When Dol sits in class, he can smell the strong, distinct scent of cigarettes or alcohol from his classmates and friends around him -- reminders of the frequent partying that goes on.

Many students wouldn't accept Dol into their cliques because he lived, spoke and behaved differently from everyone else. Dol was not willing to compromise his beliefs and faith to gain the social acceptance of his peers.

"There are so many times that my friends have asked me to go out and join them to have a little fun," he says. "I always just told them that I am a Christian and that my beliefs and faith are my priority. I have no desire to join them. Sometimes they mock or criticize me saying that I am a godly son, or they are always asking why I blindly believe in an imaginary God."

Feuding and Strife

Dol can handle the spiritual war within the university, but he struggles with another war that has taken place between his university and others for decades. Students treat students from rival universities as  enemies.

"I hear about the fighting every day," Dol says. "Usually it is just between a small group of students. Major fights occur about two or three times a year, and many students are injured as a result. Some are even killed.

"Recently, I just lost a classmate who was involved in a fight," he says solemnly.

The intense fighting and rivalry between universities  makes headlines in local newspapers. Students carry lethal weapons to the fights. Usually at the end of fights police arrive to break them up, so many hot-tempered students end up in the police station -- or in the hospital with knife or bullet wounds. Not everyone survives.

In the midst of this dangerous and unstable environment, Dol has cried out to God many times asking why He put him in this place. Dol has struggled  to find peace and security in his life outside the university campus. Whenever he ventures from his university, he has to take off his mandatory university uniform and belt and anything else he is wearing that represents his university. He fears students from a rival university might attack him.

Dol once considered dropping out of his university to  find another that was safer. In such moments of doubt and uncertainty, Dol tries to focus on the positive aspects of his life.

"I think of my parents and the fact that they are counting on me. I would never want to let them down. I also think about my sponsor, who I have never met, but who has had the heart to help and support me. I thank God that I have a mentor, provided by the LDP, who was also a former student here. He always encourages me to stay and reminds me that I have God on my side and that I can overcome anything through His strength."

Perseverance Leads to Hope

The situation Dol has been placed in has enabled him to learn more about God and His ways. "I learned that I have to be a positive thinker no matter what situation I find myself in, and to learn to stand firm in my faith," he says. "I have decided to respond to this difficult circumstance I currently face from a Christian perspective.
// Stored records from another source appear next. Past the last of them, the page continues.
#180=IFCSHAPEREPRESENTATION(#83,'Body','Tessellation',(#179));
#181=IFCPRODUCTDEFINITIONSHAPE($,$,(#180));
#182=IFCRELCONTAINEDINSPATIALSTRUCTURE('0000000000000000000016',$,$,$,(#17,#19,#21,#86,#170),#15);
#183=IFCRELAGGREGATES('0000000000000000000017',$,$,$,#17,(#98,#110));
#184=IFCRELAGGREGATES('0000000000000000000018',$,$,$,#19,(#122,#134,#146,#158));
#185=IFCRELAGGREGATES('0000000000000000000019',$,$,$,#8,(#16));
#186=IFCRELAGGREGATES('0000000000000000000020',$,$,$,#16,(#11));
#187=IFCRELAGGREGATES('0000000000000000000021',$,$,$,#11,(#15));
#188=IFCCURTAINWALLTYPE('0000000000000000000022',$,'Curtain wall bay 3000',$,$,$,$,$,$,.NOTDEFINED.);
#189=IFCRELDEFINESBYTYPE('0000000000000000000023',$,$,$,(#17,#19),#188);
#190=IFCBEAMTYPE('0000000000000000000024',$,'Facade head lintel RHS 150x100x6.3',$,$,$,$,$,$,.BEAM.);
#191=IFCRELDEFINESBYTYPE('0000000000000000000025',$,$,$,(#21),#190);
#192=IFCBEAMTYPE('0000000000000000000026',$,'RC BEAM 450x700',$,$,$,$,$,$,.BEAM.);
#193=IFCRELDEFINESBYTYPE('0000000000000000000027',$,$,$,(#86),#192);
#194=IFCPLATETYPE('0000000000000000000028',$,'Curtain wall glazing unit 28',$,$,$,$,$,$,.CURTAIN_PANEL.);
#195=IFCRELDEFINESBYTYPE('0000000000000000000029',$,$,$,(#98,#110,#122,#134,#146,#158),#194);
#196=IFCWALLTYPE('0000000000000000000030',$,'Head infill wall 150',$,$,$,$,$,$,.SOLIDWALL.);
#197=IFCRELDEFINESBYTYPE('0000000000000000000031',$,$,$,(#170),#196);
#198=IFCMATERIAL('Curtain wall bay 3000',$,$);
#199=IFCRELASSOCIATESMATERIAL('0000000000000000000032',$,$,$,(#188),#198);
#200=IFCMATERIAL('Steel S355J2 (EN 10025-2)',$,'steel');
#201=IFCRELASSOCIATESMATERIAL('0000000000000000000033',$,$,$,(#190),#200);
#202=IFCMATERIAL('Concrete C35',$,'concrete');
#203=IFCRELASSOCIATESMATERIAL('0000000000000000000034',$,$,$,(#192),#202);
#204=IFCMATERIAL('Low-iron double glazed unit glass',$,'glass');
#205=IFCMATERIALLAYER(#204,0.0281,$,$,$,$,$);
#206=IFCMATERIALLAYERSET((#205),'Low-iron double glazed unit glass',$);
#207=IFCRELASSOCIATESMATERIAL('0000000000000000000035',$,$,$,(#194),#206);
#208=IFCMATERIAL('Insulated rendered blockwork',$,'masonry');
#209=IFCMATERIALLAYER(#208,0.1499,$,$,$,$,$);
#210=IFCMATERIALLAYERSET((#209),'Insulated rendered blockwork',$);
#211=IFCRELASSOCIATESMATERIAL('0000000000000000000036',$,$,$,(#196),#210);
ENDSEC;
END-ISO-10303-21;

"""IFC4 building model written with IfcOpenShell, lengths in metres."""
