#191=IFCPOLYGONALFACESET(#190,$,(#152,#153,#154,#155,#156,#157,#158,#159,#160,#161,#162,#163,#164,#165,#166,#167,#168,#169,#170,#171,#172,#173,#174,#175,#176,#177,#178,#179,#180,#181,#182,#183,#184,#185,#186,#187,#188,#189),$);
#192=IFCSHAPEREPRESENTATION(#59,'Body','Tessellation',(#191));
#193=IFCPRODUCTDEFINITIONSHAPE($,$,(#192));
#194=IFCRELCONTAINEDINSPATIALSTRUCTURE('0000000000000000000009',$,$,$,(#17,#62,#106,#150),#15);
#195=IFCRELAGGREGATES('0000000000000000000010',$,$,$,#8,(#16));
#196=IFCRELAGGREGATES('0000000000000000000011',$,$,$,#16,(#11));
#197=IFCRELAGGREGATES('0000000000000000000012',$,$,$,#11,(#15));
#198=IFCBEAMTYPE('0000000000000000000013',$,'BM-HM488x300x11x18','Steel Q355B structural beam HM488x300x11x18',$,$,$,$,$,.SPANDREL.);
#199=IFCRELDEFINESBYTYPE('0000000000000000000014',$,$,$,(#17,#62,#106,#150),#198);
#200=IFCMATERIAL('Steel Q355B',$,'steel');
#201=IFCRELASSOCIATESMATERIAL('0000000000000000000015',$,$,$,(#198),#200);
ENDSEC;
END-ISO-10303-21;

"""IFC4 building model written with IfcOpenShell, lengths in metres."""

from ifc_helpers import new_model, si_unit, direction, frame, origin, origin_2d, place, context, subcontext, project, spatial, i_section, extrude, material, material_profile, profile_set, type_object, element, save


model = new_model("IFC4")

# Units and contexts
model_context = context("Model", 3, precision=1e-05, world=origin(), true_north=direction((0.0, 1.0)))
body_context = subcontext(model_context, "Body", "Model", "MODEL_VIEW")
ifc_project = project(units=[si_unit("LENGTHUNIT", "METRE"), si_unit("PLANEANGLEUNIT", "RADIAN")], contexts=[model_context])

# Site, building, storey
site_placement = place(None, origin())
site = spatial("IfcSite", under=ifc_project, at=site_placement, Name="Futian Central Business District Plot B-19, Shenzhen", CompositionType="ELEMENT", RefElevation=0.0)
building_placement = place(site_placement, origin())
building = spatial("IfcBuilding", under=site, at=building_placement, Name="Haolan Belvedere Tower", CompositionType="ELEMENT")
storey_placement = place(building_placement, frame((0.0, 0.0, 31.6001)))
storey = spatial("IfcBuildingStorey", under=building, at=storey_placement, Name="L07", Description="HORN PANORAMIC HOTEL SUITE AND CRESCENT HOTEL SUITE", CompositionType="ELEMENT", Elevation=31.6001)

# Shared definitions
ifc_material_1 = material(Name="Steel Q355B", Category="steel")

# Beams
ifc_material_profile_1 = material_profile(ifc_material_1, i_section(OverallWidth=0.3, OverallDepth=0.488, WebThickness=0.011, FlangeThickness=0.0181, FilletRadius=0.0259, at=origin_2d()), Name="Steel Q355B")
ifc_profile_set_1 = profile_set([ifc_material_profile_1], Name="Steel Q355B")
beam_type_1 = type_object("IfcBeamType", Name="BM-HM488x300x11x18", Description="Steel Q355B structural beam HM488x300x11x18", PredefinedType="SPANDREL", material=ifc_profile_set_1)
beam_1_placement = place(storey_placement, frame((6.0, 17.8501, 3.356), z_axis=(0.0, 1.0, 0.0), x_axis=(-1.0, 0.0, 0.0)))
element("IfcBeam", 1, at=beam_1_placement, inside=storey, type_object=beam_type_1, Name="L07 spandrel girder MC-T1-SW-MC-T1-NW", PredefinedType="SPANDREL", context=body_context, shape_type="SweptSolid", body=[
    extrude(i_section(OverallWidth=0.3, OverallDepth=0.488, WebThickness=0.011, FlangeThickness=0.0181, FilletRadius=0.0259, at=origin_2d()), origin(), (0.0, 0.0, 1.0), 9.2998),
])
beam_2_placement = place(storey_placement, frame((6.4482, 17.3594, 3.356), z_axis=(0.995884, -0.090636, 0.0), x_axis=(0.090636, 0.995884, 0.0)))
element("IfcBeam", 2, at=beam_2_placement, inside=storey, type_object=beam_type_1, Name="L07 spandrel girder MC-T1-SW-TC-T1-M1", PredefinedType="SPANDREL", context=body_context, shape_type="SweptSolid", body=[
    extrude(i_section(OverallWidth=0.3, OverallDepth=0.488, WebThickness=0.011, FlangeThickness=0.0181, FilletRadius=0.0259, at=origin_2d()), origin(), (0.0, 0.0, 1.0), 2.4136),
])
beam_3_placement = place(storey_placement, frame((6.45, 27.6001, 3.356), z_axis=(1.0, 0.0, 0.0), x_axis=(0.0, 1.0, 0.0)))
I am trying to stay focused solely on my studies and doing my work to the best of my abilities. I want to set an example to my peers and remind them that we are students and not gangsters."
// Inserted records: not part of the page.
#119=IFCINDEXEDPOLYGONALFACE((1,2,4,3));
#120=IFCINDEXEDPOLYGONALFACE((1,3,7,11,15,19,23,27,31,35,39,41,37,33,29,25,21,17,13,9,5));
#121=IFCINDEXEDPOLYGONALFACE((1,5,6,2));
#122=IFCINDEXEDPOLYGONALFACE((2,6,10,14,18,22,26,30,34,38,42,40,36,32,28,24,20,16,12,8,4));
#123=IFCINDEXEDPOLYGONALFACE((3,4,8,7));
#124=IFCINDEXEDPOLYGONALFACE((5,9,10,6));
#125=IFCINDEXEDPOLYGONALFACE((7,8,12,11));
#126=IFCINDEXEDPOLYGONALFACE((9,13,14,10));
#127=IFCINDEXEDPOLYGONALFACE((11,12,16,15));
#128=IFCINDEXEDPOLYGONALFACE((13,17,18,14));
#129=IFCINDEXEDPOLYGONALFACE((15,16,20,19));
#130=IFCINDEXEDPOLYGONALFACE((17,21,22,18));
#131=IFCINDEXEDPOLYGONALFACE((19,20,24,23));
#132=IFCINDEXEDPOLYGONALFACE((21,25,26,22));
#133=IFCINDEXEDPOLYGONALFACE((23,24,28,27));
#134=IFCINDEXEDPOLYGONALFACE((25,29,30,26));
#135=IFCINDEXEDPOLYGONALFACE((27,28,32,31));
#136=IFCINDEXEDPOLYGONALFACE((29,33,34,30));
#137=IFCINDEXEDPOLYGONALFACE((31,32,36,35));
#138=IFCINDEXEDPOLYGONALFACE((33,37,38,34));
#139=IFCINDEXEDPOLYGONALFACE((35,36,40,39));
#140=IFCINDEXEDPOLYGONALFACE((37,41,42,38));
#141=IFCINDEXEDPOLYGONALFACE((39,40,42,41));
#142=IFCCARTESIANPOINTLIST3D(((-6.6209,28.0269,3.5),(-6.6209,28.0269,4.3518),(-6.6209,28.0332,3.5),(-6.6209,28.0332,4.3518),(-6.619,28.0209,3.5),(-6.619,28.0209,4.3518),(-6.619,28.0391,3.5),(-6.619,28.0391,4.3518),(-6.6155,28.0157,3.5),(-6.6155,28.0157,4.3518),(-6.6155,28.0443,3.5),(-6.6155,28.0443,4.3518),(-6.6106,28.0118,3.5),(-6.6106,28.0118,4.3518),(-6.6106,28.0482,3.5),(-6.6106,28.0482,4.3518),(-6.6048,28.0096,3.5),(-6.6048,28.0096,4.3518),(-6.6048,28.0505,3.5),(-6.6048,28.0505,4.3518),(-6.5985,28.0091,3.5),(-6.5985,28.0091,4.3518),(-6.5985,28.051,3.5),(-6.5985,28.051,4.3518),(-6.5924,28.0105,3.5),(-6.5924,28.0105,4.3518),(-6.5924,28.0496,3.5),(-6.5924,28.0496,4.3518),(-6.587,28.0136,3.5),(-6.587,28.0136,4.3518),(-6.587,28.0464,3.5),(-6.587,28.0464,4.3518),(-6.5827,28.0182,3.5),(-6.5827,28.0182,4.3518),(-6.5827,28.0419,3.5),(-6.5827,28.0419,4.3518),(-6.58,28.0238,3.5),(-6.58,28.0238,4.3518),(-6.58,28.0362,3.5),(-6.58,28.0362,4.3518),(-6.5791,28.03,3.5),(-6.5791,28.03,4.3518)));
Dol feels blessed to be one of the top five students at his university. His GPA is 3.45, which is high for an engineering student.
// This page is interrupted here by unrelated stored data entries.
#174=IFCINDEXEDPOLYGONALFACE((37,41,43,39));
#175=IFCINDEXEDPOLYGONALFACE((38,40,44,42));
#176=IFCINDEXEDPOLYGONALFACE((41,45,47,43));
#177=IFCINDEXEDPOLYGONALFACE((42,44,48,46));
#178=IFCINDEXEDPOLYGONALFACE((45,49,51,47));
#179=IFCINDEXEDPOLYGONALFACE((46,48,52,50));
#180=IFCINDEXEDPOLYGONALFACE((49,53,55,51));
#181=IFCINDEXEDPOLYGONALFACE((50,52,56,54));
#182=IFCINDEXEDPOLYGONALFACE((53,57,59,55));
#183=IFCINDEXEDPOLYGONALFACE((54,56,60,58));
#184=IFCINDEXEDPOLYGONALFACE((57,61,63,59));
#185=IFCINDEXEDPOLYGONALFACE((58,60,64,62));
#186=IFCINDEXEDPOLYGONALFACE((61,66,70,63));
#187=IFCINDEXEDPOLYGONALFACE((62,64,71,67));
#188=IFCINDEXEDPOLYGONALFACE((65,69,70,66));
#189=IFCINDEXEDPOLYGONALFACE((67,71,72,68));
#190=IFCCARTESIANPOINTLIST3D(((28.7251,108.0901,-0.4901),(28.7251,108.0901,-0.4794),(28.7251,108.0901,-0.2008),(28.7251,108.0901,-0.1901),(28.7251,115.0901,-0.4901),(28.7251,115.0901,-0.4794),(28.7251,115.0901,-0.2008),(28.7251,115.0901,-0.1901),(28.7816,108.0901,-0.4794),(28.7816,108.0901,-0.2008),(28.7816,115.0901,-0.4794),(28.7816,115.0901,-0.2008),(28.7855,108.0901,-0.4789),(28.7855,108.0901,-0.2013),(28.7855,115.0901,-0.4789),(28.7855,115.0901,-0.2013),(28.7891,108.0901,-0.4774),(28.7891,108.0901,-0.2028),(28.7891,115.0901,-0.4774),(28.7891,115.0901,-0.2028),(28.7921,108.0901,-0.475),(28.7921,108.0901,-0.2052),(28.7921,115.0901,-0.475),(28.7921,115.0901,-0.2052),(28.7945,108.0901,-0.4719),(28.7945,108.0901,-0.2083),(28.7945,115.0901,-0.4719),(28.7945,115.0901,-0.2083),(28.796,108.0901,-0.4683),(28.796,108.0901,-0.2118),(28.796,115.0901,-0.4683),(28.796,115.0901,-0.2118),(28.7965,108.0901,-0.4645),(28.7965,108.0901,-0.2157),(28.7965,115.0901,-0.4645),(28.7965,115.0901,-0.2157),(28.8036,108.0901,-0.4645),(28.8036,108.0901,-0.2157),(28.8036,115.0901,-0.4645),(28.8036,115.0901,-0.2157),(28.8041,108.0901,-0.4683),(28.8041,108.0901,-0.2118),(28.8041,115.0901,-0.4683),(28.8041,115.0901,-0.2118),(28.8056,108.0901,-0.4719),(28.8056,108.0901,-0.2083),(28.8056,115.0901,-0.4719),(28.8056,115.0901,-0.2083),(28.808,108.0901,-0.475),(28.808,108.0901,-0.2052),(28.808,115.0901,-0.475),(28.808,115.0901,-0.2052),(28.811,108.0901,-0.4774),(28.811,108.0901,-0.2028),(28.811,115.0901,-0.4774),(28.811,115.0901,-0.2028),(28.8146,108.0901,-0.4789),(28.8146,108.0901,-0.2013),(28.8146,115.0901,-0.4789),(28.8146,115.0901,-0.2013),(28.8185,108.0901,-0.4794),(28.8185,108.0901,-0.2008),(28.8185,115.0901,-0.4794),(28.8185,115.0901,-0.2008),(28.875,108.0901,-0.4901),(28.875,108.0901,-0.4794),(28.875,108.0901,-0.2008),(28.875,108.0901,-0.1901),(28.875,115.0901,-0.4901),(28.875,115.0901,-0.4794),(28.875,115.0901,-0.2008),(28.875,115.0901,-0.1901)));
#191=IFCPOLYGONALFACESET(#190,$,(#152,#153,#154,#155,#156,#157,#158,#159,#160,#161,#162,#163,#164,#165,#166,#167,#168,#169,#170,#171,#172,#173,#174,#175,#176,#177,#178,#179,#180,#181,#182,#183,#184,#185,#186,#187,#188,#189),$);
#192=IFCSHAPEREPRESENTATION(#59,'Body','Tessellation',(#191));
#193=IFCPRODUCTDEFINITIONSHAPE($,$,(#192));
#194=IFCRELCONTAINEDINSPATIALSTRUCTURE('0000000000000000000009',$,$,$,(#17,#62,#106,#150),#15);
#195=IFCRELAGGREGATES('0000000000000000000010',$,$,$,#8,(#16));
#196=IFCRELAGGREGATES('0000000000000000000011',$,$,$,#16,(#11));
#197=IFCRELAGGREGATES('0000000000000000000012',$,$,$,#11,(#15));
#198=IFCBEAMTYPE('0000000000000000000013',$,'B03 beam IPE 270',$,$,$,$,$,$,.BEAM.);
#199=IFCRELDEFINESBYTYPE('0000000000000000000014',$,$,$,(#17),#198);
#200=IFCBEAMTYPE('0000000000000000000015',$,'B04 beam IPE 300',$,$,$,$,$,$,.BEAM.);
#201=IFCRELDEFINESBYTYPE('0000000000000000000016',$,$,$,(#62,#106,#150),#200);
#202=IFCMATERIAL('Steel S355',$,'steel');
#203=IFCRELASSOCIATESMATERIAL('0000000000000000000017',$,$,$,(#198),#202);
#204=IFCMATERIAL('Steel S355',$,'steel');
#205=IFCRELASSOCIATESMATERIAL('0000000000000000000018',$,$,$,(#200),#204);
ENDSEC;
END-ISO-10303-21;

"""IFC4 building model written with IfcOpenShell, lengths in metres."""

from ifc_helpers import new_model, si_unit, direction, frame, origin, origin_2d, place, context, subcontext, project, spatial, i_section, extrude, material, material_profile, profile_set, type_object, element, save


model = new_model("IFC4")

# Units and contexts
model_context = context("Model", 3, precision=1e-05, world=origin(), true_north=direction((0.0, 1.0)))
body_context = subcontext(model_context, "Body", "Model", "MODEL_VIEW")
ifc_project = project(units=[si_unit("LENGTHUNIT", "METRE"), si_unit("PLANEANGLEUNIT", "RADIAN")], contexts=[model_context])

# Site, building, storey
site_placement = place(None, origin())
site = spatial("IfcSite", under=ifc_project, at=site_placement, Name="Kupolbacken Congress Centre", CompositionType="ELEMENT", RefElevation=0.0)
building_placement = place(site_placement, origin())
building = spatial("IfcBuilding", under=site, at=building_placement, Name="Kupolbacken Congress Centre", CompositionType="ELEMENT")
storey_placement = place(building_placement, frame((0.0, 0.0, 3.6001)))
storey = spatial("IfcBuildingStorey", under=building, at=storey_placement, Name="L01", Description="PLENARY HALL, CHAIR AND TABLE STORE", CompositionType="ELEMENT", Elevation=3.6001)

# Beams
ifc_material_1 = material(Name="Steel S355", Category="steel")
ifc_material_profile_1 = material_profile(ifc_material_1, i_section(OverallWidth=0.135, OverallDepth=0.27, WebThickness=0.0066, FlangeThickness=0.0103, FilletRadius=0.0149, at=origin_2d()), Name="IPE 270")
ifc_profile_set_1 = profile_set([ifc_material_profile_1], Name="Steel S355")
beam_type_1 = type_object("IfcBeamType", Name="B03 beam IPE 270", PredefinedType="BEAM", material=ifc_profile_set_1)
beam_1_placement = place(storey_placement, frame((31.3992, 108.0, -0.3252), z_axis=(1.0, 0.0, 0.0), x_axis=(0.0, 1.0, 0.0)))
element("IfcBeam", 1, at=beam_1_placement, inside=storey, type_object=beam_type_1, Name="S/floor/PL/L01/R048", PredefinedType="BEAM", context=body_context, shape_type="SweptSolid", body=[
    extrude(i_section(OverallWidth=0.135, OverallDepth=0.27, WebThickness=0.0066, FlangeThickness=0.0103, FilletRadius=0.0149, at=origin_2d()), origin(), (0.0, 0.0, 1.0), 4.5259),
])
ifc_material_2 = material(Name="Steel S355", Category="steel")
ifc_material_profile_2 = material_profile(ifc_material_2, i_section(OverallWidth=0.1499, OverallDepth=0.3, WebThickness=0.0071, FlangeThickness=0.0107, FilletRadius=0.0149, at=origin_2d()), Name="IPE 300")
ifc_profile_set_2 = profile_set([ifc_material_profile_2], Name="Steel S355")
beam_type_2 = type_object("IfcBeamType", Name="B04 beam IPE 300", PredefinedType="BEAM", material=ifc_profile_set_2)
"There are millions of people who do not even have the chance to study like me," he says. "God has given me this great opportunity and I want do my best in my studies."

The Leadership Development Program has enabled Dol to attend camps that teach leadership skills and time management. Program mentors also provide spiritual guidance, which helps him have a clear understanding of the Bible.

With only a year left in his studies, Dol is close to achieving his dream of becoming an engineer. The support and encouragement from his LDP sponsor combined with the guidance he receives in the program will help ensure Dol secures the brighter future his parents envisioned.